If this often done correctly, then whenever the user clicks on a choice, all of the remaining options that might have led to an empty result will disappear.
This reduces the number of pages, and it also dramatically improves the user experience. The user now has to stumble through a maze of mostly dead ends to seek out the rare combinations that show products.
So let’s do this.
This test is just like Test #1, except now all links that cause empty results silently removed.
This time, we get:
1,149,017 (reachable) combinations of options.
0 empty results. (obviously, because we’ve removed them)
This may still appear to be tons, but it’s a big improvement over the previous test.
The page count has gone from billions right down to just over a million. This is often also a way better experience for the users, as they’re going to not see any useless options that return zero results. Any site that has faceted should be doing this by default.
This test uses equivalent parameters as Test #1, except it uses “OR” matching:
The faceted still has 32 filtering options
There are still 10,000 products.
Each filtering option still matches 20% of the products.
The site still displays 10 products per page.
Options now combined using “OR” matching rather than “AND” matching.
This gives us:
4,294,967,296 different combinations of options.
4,148,637,734,396 pages (!)
0 empty results.
The number of combinations is precisely an equivalent, but the amount of pages is far higher now (966 times higher), and there are no longer empty results.

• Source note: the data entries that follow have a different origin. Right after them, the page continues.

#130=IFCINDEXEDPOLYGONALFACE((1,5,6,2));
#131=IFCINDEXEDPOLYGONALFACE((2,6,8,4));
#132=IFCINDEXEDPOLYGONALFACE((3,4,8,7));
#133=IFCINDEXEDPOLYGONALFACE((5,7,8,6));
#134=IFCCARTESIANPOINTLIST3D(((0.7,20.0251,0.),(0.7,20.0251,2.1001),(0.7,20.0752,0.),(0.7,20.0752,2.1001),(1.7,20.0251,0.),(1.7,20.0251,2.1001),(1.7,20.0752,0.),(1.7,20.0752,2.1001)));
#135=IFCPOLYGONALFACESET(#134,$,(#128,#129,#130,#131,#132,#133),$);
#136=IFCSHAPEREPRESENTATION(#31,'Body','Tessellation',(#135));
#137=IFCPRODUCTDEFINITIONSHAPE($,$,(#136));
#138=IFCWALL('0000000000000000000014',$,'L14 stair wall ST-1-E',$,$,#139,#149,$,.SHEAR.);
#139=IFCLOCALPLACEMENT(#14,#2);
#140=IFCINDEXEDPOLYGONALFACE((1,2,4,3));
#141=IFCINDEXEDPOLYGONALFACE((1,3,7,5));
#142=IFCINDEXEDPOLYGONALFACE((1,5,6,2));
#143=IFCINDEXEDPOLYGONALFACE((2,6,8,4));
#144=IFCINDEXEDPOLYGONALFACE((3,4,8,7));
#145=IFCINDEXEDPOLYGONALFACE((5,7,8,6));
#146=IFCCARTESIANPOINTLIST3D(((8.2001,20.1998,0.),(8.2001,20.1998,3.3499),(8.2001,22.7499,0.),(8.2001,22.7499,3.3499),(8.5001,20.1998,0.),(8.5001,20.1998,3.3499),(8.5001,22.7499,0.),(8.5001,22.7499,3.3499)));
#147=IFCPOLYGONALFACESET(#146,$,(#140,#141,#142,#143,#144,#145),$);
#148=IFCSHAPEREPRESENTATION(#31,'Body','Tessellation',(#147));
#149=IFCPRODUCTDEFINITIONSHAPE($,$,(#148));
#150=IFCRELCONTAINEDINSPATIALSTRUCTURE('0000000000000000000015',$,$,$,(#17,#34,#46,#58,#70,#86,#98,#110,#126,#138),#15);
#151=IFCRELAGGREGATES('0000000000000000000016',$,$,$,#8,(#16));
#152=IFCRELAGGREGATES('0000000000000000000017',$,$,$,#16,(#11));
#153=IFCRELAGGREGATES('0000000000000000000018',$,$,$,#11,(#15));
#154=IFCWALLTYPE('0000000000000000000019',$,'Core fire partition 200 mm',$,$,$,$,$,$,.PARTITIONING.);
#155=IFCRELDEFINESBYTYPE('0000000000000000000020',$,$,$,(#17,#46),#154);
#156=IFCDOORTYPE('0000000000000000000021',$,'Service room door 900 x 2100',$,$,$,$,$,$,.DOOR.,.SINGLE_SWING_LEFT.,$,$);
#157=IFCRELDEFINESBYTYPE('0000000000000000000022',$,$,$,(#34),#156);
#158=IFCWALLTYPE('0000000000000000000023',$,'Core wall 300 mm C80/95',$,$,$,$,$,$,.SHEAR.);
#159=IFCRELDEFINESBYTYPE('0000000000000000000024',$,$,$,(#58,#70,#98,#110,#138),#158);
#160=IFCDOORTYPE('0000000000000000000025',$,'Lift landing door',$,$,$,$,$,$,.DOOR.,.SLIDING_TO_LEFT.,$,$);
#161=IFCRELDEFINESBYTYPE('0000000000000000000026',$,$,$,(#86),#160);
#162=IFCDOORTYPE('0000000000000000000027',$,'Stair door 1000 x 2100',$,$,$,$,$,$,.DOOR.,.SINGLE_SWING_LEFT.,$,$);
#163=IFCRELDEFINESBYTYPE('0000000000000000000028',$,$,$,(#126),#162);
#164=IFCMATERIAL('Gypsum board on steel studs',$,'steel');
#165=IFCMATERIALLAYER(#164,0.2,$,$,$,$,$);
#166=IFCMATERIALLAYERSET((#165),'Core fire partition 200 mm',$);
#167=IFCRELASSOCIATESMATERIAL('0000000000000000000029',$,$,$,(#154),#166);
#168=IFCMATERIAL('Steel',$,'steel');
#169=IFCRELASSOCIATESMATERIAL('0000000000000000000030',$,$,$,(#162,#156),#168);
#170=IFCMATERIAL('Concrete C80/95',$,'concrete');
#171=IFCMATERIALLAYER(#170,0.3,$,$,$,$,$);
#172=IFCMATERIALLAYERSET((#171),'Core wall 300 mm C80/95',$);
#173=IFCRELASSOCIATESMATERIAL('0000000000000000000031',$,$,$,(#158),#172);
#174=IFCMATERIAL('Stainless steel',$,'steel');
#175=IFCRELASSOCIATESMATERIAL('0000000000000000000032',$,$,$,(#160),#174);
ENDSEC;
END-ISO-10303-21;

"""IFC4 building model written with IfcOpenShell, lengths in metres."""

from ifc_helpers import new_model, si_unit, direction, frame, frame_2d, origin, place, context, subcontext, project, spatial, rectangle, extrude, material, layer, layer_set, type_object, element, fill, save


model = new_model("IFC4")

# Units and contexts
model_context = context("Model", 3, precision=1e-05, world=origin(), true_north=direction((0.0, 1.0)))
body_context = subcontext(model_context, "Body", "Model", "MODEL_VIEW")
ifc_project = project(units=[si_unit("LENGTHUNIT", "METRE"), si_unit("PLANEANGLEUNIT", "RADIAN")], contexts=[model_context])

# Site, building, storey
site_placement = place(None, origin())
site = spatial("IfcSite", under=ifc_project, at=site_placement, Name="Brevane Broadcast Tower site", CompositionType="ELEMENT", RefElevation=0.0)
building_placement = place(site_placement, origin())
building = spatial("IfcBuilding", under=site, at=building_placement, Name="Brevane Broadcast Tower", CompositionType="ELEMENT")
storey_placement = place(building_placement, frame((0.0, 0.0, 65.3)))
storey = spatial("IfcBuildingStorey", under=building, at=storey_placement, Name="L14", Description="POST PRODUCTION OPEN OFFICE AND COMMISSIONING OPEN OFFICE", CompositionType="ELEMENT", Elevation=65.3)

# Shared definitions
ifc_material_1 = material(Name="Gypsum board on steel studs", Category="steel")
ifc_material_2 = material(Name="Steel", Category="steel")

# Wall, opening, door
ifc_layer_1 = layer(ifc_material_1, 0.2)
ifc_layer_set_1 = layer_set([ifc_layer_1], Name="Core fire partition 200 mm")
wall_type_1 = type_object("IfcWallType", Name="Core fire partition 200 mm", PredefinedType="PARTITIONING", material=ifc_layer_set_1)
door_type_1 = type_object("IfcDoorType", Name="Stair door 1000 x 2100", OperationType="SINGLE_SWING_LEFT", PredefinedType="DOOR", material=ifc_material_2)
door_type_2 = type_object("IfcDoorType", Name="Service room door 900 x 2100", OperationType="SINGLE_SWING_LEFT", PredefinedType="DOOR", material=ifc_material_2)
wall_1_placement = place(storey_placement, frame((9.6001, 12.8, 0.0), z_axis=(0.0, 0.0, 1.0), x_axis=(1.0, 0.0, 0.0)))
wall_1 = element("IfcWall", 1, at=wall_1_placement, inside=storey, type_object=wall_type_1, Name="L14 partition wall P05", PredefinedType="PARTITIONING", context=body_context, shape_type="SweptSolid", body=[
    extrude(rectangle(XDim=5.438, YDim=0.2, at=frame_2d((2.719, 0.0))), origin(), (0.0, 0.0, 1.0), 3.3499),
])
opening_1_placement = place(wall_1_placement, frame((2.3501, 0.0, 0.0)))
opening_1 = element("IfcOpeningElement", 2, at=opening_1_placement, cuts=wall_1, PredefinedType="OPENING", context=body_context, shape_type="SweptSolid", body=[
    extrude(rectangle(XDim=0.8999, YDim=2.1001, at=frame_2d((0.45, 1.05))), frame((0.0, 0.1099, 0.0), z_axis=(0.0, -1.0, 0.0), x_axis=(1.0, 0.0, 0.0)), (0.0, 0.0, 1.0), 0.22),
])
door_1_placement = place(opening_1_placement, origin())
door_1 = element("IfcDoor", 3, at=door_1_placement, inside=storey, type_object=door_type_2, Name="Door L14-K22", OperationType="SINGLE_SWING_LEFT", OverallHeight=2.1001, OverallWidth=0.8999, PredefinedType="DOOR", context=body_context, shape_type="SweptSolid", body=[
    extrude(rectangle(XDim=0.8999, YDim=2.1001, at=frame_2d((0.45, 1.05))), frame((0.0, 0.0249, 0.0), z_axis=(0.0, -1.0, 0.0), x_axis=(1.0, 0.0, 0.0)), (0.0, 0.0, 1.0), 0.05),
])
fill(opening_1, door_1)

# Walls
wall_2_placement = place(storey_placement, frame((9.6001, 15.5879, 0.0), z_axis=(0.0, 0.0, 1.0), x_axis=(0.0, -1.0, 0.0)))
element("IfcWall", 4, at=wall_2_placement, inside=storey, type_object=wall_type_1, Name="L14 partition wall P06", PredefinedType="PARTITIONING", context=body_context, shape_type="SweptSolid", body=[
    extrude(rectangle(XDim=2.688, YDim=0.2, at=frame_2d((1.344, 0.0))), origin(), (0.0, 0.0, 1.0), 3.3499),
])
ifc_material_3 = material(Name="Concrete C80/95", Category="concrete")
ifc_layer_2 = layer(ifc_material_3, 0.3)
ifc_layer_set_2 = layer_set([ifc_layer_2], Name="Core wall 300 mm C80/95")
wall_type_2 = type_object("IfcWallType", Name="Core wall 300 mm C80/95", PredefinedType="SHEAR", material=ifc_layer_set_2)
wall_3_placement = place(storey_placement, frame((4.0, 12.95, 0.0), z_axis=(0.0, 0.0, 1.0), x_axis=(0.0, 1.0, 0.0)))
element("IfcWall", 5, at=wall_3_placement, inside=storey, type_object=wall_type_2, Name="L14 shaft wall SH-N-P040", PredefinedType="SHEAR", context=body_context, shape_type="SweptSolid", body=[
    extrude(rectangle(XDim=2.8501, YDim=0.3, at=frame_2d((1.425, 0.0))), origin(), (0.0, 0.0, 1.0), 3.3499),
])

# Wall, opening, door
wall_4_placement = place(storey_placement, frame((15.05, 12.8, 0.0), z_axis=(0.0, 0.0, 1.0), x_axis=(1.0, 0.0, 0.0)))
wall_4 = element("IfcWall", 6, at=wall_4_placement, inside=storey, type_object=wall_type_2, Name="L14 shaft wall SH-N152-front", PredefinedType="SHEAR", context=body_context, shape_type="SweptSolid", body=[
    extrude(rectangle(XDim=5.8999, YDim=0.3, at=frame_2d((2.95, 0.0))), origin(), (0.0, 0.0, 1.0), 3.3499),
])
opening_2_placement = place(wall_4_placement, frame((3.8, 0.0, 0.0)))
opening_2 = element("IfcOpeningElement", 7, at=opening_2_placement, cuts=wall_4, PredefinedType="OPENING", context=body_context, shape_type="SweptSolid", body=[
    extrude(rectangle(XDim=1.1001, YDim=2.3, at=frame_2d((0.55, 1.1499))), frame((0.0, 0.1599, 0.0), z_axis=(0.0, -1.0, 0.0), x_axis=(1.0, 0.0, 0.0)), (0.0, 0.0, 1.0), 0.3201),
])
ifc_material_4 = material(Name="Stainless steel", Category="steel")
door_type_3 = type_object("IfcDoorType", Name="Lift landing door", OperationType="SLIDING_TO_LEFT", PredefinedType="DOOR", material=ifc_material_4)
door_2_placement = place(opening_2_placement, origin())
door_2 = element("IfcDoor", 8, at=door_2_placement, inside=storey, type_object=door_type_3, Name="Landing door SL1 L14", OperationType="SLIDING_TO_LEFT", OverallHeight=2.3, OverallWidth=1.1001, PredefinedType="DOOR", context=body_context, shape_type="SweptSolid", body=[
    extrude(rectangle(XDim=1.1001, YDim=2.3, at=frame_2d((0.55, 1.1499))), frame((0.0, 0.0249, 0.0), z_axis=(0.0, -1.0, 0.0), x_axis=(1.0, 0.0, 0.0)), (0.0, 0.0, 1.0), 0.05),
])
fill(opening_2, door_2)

Why is the page count so high?
Because, with “OR” matching, whenever you click on a replacement option the amount of matching items increases. this is often the other of “AND” matching,
where the amount decreases. During this test, most combinations now include most of the products on the site.
In Test #1, most combinations produced empty results.
There are not any empty results in the least during this new site. The sole way there might be an empty result would be if you chose to incorporate a filtering option that never matches anything (which would be quite pointless).
The strategy of blocking empty results doesn’t affect this match type.
This test uses radio button matching.
If we repeat Test #1, but with radio button matching, we get:
33 different combinations of options.
0 empty results.
This is outrageously more efficient than any of the others.
The takeaway: Always think about using radio button matching once you can escape with it (any time the choices are mutually exclusive). it’ll have a dramatic effect on page counts.
Faceted navigation is one of the thorniest SEO challenges large sites face. Don’t wait to deal with issues after you’ve built your site. Plan ahead. Use robots.txt, check out selection options, and “think” sort of a program.
A little planning can improve the use of the crawl budget, boost SEO, and improve the user experience.